Search code examples
speech-recognitionspeech-to-textcmusphinxibm-watsongoogle-speech-api

Is there any speech recognition API besides Google that returns interim results?


I am looking for a speech recognition API that returns interim results as the user is speaking, similarly to what Google does on its homepage (https://www.google.com). I am looking for an API that supports French. What I want to do is to create a web application that works similarly to Google vocal search.

  • Google Speech API is not recommended for professional development, since it changes often and is not completely documented.
  • IBM Watson doesn't support French
  • AT&T Speech API doesn't return interim results
  • CMU Sphinx returns incredibly bad results (see a demo here: http://syl22-00.github.io/pocketsphinx.js/live-demo.html)
  • Nuance products don't seem to be made for a web application. (if you know what should I do to use them, I am interested!)

Solution

  • Microsoft's Project Oxford Speech Recognition API, used by Cortana and Skype Translator, meets both of your criteria: it supports French (and 6 other languages) and returns partial/interim/online hypotheses as you stream audio to it.

    (As an aside, the usual problem that causes terrible accuracy when doing online recognition with Pocketsphinx is bad CMN (cepstral mean normalization).

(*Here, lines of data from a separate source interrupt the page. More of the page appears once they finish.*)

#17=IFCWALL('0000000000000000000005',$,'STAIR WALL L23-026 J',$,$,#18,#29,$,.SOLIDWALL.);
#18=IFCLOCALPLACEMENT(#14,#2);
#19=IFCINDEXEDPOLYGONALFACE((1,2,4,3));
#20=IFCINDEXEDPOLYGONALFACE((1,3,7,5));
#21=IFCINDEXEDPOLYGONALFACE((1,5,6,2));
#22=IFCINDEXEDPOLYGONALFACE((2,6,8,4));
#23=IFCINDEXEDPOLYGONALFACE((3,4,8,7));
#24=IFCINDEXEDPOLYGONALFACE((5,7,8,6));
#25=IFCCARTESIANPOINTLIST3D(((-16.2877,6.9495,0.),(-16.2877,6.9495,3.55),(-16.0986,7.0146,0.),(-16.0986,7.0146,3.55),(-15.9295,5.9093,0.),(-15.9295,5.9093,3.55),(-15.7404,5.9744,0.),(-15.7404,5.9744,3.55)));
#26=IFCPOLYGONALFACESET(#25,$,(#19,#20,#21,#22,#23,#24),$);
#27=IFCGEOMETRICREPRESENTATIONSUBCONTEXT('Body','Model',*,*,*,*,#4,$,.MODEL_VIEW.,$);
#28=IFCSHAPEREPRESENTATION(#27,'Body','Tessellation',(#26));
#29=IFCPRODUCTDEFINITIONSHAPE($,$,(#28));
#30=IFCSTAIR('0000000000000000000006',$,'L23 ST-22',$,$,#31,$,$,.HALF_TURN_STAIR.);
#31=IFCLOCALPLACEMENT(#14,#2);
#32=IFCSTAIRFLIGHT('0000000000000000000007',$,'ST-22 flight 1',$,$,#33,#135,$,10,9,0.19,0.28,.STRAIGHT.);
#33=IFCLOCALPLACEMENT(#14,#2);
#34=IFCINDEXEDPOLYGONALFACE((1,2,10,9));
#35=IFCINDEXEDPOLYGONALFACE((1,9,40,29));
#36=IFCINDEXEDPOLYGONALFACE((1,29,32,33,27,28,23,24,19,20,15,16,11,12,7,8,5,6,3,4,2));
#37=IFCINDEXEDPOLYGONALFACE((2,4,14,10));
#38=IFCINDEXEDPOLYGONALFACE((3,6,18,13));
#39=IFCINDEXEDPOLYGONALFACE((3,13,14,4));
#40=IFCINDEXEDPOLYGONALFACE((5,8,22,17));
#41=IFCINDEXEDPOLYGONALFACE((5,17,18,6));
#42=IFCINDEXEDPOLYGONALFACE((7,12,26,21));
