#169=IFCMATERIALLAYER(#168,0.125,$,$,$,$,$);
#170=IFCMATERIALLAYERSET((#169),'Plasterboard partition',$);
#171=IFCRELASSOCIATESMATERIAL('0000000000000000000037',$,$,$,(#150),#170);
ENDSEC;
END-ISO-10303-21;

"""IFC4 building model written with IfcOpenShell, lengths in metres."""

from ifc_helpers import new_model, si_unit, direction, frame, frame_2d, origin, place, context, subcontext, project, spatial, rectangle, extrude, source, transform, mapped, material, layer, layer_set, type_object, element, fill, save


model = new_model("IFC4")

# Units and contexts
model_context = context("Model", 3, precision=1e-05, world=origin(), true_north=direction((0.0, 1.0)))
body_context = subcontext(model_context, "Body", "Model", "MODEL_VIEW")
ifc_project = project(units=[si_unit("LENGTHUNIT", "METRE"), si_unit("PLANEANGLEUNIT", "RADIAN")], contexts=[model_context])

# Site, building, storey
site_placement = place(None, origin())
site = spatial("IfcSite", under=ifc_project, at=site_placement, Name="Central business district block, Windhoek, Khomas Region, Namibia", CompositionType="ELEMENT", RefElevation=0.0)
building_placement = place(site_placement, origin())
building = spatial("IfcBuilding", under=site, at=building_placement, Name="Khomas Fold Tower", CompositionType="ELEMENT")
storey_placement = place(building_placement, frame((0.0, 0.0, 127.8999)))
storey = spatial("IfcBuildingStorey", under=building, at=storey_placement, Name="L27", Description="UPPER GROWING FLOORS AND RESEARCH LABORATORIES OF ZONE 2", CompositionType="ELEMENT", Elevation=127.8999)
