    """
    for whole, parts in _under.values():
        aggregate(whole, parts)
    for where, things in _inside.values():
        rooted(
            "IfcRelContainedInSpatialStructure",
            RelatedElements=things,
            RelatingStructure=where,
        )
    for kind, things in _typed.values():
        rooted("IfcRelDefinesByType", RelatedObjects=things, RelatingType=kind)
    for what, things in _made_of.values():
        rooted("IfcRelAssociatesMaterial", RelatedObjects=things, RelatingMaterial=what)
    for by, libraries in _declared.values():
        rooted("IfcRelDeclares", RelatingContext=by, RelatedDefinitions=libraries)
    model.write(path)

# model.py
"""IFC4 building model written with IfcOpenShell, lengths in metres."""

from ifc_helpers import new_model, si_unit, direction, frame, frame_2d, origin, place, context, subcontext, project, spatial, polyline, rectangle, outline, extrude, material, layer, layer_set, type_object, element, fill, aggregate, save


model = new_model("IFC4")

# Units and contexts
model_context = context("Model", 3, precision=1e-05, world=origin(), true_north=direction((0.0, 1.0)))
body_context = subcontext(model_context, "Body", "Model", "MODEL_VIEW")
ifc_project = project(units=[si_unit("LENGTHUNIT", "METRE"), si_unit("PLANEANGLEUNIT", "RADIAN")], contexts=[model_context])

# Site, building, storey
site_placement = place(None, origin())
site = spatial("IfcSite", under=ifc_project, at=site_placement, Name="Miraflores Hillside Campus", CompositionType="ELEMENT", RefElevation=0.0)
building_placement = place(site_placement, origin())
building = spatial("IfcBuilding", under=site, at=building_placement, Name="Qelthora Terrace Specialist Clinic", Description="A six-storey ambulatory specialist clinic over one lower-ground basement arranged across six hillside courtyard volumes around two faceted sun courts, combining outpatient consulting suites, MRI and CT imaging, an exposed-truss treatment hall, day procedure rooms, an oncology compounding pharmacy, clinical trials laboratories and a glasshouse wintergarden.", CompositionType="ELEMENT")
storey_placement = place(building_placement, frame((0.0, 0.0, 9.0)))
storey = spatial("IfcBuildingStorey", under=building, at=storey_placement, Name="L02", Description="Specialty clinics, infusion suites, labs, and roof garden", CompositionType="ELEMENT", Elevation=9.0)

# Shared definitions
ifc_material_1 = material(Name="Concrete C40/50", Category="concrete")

When you give pocketsphinx a complete piece of audio to process it computes the CMN over the entire utterance, but when you stream audio to it it does not by default compute the CMN. One solution is to give it a complete utterance, retrieve the CMN computed by pocketsphinx, then use that CMN for the streaming audio. Note that CMN is different for each audio channel/environment, and that the Python interface to pocketsphinx doesn't offer an interface to CMN data. I have a patch if this is a route you'd like to investigate.)